Maximin rule: This rule concentrates on the best possible outcome for each strategy. This
rule says that nature will always do the worst (pessimistic approach). Therefore, the strategy
with the best of the worst possible result is selected, that is, the one with the maximum of the
minimum value is selected. From the above table this rule select “buy 30” strategies as its
minimum on sequence of birr 2000 is higher than the minimum for the “buy 40 and 50”
strategy with the minimum consequence of birr 0 and 2000, respectively.
Maximax rule: This rule is just the opposite of maximum rule. That is, this rule selects the
strategy with the highest maximum value or the maximum of the maximum value. This rule
says nature will always do its best (optimistic approach). According to this rule “buy 50”
strategy will be selected since its maximum value is greater than the maximum value of the
other two strategies.
Maximize expected value: In this rule the decision is made by selecting strategy with the
highest expected value. Accordingly, this rule selects the “buy 40” strategy since it has the
highest expected value.
Most likely outcome rule: By this rule, the outcome that is most likely to occur (one with
highest probability) and then the strategy with the highest consequences for that outcome will
be chosen. Accordingly, the highest probability (0.5) and the corresponding highest
consequence (6000 birr) occur in the “buy 50 strategy”. Therefore, this rule selects “buy 50”
strategy.
The use of the different rules depends on the types of the decision maker’s attitude towards
risk and the existing financial condition of the business. There are 3 types of persons with
regard to their attitude towards risk.
Risk-averse person: Risk avoider person. Usually risk-averse person perform the one that is
sure to get with the highest probability even if the result is low. This person usually prefers to
use maximin rule for making decision. A person/business with weak financial position mostly
prefers to use this rule.
Risk taker (prefer): This is a person who tries to achieve the maximum output under risk
condition. This person prefers to use maximax rule for decision making. A person/business
with strong financial position mostly prefers to use this rule.

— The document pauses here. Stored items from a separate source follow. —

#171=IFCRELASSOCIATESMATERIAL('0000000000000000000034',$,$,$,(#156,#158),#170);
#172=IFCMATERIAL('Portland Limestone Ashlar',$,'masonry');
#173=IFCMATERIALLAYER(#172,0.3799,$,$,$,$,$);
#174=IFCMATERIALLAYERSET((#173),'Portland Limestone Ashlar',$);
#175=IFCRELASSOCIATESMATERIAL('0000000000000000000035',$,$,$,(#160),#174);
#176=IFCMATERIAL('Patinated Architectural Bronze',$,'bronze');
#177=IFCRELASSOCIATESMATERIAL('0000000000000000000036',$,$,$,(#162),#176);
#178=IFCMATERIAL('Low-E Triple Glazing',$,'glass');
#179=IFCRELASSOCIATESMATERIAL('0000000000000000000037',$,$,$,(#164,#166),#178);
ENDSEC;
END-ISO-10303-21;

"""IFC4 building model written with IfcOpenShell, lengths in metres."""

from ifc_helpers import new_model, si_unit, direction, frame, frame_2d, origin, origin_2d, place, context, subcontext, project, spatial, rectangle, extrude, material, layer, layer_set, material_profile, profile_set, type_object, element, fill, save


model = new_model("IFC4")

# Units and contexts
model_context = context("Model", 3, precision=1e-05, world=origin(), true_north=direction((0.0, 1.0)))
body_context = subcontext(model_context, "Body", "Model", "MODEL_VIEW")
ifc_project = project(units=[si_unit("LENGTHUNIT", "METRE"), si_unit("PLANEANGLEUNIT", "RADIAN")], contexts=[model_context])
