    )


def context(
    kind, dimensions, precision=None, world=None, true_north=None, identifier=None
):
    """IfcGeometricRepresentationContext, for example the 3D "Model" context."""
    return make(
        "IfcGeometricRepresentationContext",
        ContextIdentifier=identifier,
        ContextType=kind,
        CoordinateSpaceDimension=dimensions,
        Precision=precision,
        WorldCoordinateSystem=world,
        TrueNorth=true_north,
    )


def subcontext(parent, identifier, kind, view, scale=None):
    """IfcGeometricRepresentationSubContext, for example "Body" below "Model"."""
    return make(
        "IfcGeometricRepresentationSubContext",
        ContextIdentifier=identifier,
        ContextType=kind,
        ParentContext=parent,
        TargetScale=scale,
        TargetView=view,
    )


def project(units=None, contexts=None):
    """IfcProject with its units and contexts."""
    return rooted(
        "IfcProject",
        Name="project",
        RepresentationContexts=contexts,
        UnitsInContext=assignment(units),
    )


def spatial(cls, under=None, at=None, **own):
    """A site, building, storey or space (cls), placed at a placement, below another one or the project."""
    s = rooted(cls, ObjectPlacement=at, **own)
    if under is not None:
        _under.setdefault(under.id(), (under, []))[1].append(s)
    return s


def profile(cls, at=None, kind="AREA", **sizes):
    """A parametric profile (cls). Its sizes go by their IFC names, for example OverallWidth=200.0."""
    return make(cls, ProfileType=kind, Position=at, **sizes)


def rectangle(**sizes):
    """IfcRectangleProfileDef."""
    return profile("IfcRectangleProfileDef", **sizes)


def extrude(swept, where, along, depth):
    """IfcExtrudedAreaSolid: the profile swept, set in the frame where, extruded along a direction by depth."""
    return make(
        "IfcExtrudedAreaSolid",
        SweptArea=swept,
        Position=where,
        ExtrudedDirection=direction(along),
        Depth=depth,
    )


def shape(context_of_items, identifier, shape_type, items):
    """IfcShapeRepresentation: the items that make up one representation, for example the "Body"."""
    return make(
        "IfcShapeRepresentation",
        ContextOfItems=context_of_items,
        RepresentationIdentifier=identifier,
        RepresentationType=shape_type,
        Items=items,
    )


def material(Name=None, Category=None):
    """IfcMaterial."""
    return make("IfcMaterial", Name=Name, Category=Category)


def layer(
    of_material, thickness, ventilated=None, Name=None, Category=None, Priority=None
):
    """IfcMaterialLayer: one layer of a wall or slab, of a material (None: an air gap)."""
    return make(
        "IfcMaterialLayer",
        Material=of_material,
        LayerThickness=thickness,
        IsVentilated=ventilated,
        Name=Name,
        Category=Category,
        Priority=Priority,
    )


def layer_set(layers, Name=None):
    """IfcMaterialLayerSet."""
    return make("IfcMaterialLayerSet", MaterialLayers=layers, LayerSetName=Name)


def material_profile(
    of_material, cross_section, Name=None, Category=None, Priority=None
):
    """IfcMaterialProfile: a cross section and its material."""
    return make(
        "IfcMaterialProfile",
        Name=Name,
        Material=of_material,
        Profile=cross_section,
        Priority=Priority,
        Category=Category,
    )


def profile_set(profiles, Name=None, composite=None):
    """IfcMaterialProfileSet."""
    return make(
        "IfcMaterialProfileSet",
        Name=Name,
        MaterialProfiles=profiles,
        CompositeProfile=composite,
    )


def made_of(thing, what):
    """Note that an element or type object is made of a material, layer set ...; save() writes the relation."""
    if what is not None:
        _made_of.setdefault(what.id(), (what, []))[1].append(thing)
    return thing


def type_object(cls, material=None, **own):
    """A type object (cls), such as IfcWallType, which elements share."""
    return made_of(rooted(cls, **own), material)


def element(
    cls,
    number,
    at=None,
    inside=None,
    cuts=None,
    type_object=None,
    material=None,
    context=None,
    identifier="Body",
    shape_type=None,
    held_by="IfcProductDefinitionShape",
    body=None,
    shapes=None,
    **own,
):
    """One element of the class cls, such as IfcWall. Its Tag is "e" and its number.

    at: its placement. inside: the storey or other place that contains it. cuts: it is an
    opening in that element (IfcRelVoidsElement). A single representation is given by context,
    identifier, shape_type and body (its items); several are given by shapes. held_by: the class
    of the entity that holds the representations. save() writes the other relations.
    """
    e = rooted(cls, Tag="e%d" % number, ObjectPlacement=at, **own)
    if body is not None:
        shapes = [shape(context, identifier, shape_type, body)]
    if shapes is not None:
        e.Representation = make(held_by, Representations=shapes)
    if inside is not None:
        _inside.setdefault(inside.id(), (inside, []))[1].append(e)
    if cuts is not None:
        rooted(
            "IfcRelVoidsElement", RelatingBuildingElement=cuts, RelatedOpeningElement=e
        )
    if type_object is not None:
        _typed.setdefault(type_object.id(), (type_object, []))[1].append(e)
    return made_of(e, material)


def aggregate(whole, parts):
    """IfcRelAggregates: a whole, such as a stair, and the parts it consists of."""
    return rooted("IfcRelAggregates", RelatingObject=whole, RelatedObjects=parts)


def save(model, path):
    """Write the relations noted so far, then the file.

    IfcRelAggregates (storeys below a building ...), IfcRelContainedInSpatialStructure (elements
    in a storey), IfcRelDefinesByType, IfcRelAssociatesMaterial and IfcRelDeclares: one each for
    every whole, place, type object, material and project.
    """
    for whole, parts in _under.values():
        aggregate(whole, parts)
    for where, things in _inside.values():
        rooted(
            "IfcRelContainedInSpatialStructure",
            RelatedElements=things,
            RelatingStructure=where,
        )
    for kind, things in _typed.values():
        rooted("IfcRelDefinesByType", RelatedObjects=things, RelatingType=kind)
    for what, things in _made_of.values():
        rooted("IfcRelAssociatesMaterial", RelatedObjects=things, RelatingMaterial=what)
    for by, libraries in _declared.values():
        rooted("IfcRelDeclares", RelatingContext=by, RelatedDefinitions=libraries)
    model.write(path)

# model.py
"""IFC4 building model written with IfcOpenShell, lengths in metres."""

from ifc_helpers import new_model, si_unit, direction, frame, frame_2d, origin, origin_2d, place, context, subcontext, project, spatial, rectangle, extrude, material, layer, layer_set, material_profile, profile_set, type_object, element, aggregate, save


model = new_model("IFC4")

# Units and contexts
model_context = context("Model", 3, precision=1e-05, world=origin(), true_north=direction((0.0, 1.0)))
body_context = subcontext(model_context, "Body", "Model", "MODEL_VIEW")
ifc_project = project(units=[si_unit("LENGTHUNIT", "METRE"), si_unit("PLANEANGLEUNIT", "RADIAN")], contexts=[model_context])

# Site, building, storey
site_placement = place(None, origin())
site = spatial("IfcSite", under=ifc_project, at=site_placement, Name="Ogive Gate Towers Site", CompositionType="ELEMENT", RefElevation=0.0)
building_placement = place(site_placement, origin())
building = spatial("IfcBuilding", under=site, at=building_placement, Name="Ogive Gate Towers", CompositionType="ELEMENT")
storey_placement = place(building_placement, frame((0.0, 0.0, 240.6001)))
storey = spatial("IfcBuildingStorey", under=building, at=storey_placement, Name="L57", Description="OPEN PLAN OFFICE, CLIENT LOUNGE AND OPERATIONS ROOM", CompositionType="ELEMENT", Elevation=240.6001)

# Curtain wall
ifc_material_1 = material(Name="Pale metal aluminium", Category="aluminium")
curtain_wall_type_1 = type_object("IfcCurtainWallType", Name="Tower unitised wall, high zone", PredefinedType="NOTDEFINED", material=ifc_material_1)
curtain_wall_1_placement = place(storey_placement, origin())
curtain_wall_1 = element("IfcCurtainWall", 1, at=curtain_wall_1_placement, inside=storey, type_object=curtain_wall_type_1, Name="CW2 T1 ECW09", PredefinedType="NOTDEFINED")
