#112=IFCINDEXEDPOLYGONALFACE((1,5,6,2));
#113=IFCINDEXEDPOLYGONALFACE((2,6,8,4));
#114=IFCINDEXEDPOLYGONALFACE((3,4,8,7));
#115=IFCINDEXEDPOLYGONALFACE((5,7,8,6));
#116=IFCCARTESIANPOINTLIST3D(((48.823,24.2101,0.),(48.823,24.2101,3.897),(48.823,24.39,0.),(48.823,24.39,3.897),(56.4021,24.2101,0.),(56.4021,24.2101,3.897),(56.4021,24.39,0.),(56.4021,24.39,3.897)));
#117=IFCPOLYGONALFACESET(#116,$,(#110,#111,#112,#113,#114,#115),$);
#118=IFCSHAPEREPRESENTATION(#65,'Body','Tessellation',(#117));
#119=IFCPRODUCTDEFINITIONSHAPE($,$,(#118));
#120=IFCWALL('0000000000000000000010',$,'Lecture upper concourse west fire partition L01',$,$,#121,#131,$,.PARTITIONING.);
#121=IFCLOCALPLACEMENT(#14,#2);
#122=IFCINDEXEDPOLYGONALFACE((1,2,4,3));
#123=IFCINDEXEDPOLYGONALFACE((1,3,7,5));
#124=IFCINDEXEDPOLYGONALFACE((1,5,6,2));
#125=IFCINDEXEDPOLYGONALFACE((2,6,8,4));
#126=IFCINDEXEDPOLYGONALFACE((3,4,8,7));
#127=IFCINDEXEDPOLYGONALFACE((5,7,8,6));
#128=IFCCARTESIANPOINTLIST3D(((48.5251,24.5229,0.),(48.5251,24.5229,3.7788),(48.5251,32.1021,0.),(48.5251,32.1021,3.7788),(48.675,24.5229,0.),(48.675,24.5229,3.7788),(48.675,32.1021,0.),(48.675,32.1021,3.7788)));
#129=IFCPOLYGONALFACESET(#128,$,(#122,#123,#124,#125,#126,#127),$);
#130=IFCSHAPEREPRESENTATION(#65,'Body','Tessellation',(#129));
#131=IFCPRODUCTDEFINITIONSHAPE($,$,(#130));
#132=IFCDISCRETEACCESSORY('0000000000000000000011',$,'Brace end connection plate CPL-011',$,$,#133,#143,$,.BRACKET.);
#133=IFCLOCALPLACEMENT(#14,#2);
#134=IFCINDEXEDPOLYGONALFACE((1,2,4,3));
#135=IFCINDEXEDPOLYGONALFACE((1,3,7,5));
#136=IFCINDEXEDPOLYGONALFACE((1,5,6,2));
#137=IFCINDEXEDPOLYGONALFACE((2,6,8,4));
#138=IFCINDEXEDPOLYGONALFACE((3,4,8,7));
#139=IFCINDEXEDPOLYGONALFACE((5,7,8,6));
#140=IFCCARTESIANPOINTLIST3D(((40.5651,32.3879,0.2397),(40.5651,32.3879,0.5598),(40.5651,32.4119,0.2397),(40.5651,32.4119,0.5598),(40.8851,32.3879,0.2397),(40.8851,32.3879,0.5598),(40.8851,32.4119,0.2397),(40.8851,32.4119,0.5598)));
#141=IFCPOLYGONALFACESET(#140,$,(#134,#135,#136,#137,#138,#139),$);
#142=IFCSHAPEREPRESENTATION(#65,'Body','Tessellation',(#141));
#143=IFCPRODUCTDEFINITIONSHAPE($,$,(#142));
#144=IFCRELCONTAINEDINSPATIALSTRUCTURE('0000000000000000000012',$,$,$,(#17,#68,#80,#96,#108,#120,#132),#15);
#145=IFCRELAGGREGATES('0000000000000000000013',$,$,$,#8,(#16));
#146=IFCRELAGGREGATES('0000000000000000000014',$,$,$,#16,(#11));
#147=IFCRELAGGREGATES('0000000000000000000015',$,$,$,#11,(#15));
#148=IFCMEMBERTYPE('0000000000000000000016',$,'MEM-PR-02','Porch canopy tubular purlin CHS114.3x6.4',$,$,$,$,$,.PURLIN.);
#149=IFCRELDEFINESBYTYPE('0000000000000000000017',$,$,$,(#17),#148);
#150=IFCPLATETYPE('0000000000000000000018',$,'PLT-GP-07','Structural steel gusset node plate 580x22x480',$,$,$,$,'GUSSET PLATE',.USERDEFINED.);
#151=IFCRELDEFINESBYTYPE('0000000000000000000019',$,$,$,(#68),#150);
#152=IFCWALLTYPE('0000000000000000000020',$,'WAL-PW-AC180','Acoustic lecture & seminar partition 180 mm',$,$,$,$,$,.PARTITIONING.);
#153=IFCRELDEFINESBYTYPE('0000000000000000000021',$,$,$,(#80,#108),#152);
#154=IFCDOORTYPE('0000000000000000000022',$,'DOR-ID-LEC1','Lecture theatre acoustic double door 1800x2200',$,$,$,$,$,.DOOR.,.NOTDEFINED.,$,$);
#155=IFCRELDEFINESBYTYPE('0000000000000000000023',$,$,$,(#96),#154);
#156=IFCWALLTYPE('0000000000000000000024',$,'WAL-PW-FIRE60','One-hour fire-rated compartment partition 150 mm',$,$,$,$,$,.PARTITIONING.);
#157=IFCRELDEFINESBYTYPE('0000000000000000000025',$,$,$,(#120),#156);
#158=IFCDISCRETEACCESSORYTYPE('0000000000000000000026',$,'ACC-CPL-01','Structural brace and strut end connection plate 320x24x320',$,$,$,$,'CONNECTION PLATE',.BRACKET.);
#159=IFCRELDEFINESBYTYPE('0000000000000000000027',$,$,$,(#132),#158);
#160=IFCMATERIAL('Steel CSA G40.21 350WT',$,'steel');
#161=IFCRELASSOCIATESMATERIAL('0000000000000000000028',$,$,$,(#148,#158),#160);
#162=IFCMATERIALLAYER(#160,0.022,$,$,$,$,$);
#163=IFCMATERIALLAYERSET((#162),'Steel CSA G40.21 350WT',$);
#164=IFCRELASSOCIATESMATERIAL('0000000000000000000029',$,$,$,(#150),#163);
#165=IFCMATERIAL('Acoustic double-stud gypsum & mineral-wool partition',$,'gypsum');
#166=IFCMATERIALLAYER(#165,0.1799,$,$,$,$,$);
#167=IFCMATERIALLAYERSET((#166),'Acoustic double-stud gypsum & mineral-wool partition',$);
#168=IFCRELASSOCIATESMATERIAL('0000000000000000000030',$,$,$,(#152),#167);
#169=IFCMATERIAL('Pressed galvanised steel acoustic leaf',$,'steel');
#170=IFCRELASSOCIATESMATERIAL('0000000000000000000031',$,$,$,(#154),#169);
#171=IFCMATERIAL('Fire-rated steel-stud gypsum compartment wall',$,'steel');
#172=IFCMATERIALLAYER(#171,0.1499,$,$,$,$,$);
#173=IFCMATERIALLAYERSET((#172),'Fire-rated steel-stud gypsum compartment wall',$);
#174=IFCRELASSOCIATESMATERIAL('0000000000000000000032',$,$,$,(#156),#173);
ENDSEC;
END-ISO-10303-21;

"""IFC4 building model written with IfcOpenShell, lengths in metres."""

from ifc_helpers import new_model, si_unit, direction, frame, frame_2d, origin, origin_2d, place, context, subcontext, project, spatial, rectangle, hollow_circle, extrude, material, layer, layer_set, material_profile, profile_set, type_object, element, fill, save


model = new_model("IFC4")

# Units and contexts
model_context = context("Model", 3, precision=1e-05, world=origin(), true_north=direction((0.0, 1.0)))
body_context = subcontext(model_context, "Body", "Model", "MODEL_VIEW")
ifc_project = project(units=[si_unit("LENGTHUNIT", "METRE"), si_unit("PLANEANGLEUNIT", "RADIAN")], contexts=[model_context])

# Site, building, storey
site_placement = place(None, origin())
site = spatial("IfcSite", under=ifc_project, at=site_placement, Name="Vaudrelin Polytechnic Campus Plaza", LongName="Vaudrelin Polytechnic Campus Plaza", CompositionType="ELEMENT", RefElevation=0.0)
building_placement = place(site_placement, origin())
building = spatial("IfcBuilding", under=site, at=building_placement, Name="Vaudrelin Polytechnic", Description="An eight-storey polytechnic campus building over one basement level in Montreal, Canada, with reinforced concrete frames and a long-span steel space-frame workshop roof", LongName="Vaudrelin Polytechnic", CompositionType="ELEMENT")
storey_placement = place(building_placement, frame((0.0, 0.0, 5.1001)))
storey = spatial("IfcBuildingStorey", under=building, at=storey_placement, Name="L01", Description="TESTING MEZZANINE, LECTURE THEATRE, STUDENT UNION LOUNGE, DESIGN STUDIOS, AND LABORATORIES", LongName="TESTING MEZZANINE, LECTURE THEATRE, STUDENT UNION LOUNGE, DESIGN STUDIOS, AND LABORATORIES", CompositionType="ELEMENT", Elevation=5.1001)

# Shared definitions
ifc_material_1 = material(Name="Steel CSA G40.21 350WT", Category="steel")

Risk indifferent person: A person who doesn’t care whether risk occur or not. This person
prefers the last two decision rule to make his/her decision.
Methods of Reducing Risk and Uncertainty
The various methods which can be used to reduce risk are discussed hereunder.
Diversification: Production of two or more commodities with negative correlation in their
performance parameters may reduce income variability if all prices and yields vary.
Selection of stable enterprises: Irrigation will provide more stable crop yields than dry land
farming. Production risk can be reduced by careful selection of the enterprises with low yield
variability. This is particularly important in areas of low rainfall and unstable climate.

Crop and livestock insurance: For phenomena, which can be insured, possible magnitude of
loss is lessened through converting the chance of large loss into certain cost through insurance
arrangement.
Flexibility: Diversification is mainly a method of preventing large losses. Flexibility is a
method of preventing the sacrifice of large gains. Flexibility allows for changing plans as time
passes, additional information is obtained and ability to predict the future improves.
Spreading sales: Instead of selling the entire crop output at one time, farmers prefer to sell
part of the output at several times during the year. Spreading sales avoids selling all the crop
output at the lowest price of the year but also prevents selling at the highest price.